Yes, I just went back and look at them a bit closer.  Thanks for posting them!!

Again, I can't stress enough, the importance of having some grappling incorporated into ones training.  Having an understanding of this, will, IMO, certainly aid in a defense.

Mike


----------



## Ross (Apr 13, 2006)

Hi guys,

Great thread, although some of you guys do need a reality check with some of your suggestions. The spitting one, was that posted on the April Fools Day or something? 

Ok, a couple of things you need to consider.
a) as a rule, the person attacking you is going to be bigger than you, 
b) no attack is static - when you are attacked from the front or rear with a bear hug there will be significant forward or rear momentum.
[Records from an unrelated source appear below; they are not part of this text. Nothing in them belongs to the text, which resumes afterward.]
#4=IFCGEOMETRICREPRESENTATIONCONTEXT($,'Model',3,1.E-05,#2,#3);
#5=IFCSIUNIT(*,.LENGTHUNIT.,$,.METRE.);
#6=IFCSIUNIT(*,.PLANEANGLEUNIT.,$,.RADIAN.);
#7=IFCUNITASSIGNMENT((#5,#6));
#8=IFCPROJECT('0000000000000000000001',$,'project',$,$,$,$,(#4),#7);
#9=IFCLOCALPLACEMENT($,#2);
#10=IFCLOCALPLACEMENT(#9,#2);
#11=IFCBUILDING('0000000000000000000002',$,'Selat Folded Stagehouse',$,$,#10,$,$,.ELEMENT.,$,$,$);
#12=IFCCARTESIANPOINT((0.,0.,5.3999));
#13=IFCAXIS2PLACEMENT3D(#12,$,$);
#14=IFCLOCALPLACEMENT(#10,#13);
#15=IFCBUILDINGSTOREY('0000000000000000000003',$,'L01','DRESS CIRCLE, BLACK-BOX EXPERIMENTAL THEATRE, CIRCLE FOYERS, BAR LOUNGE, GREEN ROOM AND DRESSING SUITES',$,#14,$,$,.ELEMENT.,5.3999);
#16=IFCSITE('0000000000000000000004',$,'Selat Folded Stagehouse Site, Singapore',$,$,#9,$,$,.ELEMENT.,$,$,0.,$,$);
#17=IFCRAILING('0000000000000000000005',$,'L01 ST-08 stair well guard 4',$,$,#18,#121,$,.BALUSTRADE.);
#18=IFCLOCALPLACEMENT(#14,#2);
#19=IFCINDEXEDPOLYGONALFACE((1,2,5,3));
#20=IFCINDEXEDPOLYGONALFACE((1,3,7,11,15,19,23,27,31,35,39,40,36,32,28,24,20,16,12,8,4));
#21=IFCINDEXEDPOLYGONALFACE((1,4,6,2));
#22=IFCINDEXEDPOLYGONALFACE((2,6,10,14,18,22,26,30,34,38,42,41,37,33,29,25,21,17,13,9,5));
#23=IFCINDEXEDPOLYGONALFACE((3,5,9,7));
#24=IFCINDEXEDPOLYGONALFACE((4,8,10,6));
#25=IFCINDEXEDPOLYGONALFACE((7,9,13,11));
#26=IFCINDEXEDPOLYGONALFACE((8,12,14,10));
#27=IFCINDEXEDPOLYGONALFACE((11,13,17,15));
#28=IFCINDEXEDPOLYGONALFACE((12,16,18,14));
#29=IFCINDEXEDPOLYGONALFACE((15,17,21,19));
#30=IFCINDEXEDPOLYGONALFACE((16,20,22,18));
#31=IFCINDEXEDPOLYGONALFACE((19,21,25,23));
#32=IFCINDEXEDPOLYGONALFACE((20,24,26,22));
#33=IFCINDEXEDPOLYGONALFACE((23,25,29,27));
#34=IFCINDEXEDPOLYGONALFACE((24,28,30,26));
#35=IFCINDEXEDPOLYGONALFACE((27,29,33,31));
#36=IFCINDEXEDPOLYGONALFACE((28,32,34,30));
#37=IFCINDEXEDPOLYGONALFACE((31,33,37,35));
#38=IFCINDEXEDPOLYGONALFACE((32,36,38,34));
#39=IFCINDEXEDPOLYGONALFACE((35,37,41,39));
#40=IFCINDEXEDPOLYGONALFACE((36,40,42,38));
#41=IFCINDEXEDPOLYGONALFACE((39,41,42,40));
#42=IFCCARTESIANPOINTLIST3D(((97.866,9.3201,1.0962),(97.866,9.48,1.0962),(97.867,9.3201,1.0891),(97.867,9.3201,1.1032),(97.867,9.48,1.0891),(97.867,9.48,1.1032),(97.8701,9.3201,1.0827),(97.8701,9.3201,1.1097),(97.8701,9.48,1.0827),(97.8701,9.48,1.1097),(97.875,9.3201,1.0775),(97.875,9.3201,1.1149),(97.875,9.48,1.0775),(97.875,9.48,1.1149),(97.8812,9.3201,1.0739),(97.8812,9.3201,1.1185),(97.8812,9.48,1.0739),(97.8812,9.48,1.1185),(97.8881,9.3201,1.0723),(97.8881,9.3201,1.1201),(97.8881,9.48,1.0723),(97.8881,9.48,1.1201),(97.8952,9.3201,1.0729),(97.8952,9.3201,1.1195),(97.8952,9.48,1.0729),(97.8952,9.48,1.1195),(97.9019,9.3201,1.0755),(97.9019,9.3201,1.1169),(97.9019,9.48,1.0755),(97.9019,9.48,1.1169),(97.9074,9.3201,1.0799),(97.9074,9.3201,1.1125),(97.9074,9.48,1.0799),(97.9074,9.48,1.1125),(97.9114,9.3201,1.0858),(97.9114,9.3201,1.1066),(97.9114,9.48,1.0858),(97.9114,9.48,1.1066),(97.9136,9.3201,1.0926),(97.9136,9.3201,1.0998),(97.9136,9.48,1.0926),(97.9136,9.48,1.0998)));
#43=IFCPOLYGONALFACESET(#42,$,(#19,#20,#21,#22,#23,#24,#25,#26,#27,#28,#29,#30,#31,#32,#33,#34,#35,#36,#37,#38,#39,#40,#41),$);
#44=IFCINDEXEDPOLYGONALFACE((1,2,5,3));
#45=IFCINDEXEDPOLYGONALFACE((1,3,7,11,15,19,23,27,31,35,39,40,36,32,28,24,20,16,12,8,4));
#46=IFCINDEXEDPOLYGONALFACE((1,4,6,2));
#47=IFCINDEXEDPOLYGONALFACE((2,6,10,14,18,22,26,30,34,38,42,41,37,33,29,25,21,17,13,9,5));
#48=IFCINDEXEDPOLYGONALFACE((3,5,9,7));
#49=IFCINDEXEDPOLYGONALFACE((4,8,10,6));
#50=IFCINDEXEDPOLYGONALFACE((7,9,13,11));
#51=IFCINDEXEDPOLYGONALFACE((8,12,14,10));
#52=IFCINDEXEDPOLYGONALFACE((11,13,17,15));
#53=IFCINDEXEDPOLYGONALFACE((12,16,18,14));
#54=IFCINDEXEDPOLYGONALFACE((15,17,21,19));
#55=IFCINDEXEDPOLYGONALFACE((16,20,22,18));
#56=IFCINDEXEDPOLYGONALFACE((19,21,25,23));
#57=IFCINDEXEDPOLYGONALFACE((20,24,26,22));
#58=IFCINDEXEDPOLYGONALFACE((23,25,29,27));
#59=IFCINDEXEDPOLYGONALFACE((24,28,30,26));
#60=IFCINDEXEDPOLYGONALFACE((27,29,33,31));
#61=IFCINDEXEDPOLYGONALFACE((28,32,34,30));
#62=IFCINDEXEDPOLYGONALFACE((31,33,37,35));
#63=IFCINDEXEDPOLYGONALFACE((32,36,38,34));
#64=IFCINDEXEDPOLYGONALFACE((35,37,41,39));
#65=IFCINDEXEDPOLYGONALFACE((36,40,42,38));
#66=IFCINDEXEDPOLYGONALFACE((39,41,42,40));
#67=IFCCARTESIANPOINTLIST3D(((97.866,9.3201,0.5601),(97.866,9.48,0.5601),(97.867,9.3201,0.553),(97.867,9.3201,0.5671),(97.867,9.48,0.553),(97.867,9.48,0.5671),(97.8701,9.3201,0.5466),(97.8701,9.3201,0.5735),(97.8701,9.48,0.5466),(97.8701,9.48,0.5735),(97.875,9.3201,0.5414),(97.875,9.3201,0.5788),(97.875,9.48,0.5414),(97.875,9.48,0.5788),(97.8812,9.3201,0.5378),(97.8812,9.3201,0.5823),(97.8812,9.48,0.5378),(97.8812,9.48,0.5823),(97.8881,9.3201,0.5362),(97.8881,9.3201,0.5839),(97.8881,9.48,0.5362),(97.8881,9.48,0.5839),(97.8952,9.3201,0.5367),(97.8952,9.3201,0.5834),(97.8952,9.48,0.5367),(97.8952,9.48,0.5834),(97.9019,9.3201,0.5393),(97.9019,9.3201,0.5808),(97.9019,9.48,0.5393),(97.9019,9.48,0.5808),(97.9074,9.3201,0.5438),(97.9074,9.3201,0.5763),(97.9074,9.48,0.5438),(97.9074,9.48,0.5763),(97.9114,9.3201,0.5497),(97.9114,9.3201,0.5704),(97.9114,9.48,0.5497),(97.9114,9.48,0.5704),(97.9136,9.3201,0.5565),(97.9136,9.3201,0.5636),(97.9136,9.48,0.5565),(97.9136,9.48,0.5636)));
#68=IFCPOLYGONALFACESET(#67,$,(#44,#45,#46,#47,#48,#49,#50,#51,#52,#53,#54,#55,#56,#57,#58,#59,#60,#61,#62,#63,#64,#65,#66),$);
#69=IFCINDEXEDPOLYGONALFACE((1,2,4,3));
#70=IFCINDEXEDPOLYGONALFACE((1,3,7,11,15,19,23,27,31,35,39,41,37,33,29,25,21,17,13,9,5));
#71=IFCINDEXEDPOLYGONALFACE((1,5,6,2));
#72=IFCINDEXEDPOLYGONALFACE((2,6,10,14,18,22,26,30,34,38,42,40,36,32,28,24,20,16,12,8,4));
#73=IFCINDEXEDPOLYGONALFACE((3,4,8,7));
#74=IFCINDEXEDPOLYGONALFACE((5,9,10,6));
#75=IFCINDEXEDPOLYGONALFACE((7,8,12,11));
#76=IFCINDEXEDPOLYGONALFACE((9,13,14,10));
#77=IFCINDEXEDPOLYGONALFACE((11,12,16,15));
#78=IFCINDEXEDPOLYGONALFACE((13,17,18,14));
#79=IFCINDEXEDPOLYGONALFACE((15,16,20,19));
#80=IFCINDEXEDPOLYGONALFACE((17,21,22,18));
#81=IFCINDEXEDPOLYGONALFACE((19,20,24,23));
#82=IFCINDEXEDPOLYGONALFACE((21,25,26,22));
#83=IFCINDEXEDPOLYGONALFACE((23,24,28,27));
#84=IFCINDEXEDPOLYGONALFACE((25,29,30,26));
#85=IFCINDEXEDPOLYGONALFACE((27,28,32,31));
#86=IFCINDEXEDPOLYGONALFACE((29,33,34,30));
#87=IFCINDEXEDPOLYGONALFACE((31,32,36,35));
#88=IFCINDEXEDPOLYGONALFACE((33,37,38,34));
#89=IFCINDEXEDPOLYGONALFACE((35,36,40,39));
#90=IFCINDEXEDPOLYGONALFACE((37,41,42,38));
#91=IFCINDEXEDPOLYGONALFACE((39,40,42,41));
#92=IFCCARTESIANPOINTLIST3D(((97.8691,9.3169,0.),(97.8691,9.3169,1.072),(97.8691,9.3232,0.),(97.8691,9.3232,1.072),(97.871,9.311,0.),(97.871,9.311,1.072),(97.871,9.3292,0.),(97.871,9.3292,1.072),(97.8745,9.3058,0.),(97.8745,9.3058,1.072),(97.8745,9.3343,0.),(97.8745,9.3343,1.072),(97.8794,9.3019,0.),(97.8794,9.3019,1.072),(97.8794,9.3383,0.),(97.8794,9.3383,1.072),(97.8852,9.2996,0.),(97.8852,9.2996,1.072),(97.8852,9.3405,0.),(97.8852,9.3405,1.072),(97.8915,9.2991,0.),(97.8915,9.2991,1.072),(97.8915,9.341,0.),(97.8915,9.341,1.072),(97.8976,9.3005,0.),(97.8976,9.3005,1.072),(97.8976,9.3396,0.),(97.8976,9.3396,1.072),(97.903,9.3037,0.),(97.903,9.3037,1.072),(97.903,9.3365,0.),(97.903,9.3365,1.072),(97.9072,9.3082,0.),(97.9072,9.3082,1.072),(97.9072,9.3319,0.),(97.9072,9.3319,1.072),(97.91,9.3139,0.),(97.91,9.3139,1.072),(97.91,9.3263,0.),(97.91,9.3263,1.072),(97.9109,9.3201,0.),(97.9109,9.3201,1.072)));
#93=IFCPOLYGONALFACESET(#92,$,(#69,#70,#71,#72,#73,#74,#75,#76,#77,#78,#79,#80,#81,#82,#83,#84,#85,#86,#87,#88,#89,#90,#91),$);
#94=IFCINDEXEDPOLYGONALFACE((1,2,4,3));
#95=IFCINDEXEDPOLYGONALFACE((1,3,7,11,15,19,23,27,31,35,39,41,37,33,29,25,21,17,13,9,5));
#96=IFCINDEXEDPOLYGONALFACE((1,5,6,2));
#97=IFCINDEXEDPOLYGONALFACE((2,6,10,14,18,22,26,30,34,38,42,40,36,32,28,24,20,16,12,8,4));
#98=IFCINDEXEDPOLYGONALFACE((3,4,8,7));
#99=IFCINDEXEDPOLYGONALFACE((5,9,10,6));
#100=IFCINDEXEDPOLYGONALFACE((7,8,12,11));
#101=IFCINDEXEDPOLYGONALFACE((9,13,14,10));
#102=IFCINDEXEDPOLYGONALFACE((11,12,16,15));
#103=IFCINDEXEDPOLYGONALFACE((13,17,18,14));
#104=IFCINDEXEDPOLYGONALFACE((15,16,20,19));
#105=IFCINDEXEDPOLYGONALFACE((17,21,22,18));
You must absorbe and resist this first before even attempting to escape.

There as several ways that you survive the initial assult (some people will know what I mean), but if we take an isolated movement that you can all try from a static grap with the intention to lift.

Using a partner attacking with a rear bear hug - 

The attack 
Attacker grabs with both feet slightly outside those of the practioner, knees bent. Overarm grab, pinning the arms to the sides a little lower than chest level. Try to lift.

(At this point they should lift the student with ease)

Student
Bring your left hand up and across your body to your right shoulder - lifting the attackers left elbow so that their left elbow is higher than their right elbow.

Attacker
Now try and lift.

If done correctly they will not be able to lift you - when they readjust their hold/grab student strikes.

Have fun


----------



## green meanie (Apr 13, 2006)

Ross said:
			
		

> Hi guys,
> 
> Great thread, although some of you guys do need a reality check with some of your suggestions. The spitting one, was that posted on the April Fools Day or something?


 
Spitting? Where was that? I must've missed it.


----------



## Brad Dunne (Apr 13, 2006)

b) no attack is static - when you are attacked from the front or rear with a bear hug there will be significant forward or rear momentum. You must absorbe and resist this first before even attempting to escape.

This is my positioning. When you are grabbed and picked up and slammed, all within a seconds time frame........how in the world are you going to have enough time to absorbe and resist? You state that no attack is static, which I agree with, but then you go on to go into specifics on a particular counter, which will take additional time to develope, of which there is none (time that is), so it seems somewhat contradictory. For some unexplained reasoning, most folks here either can't fathom the time element involved or just like to pull chains for the heck of it. It make no difference how many years of training someone may have, there are things that can't be defended against and this one particular attack happens to be one of them if the attacker is bent on serious harm to you. 

To answer the question:   Brad, you're speaking in absolutes. A physical confrontation is anything but. Your opinion is also opposite to mine and several others here based on our experiance. How do you explain that?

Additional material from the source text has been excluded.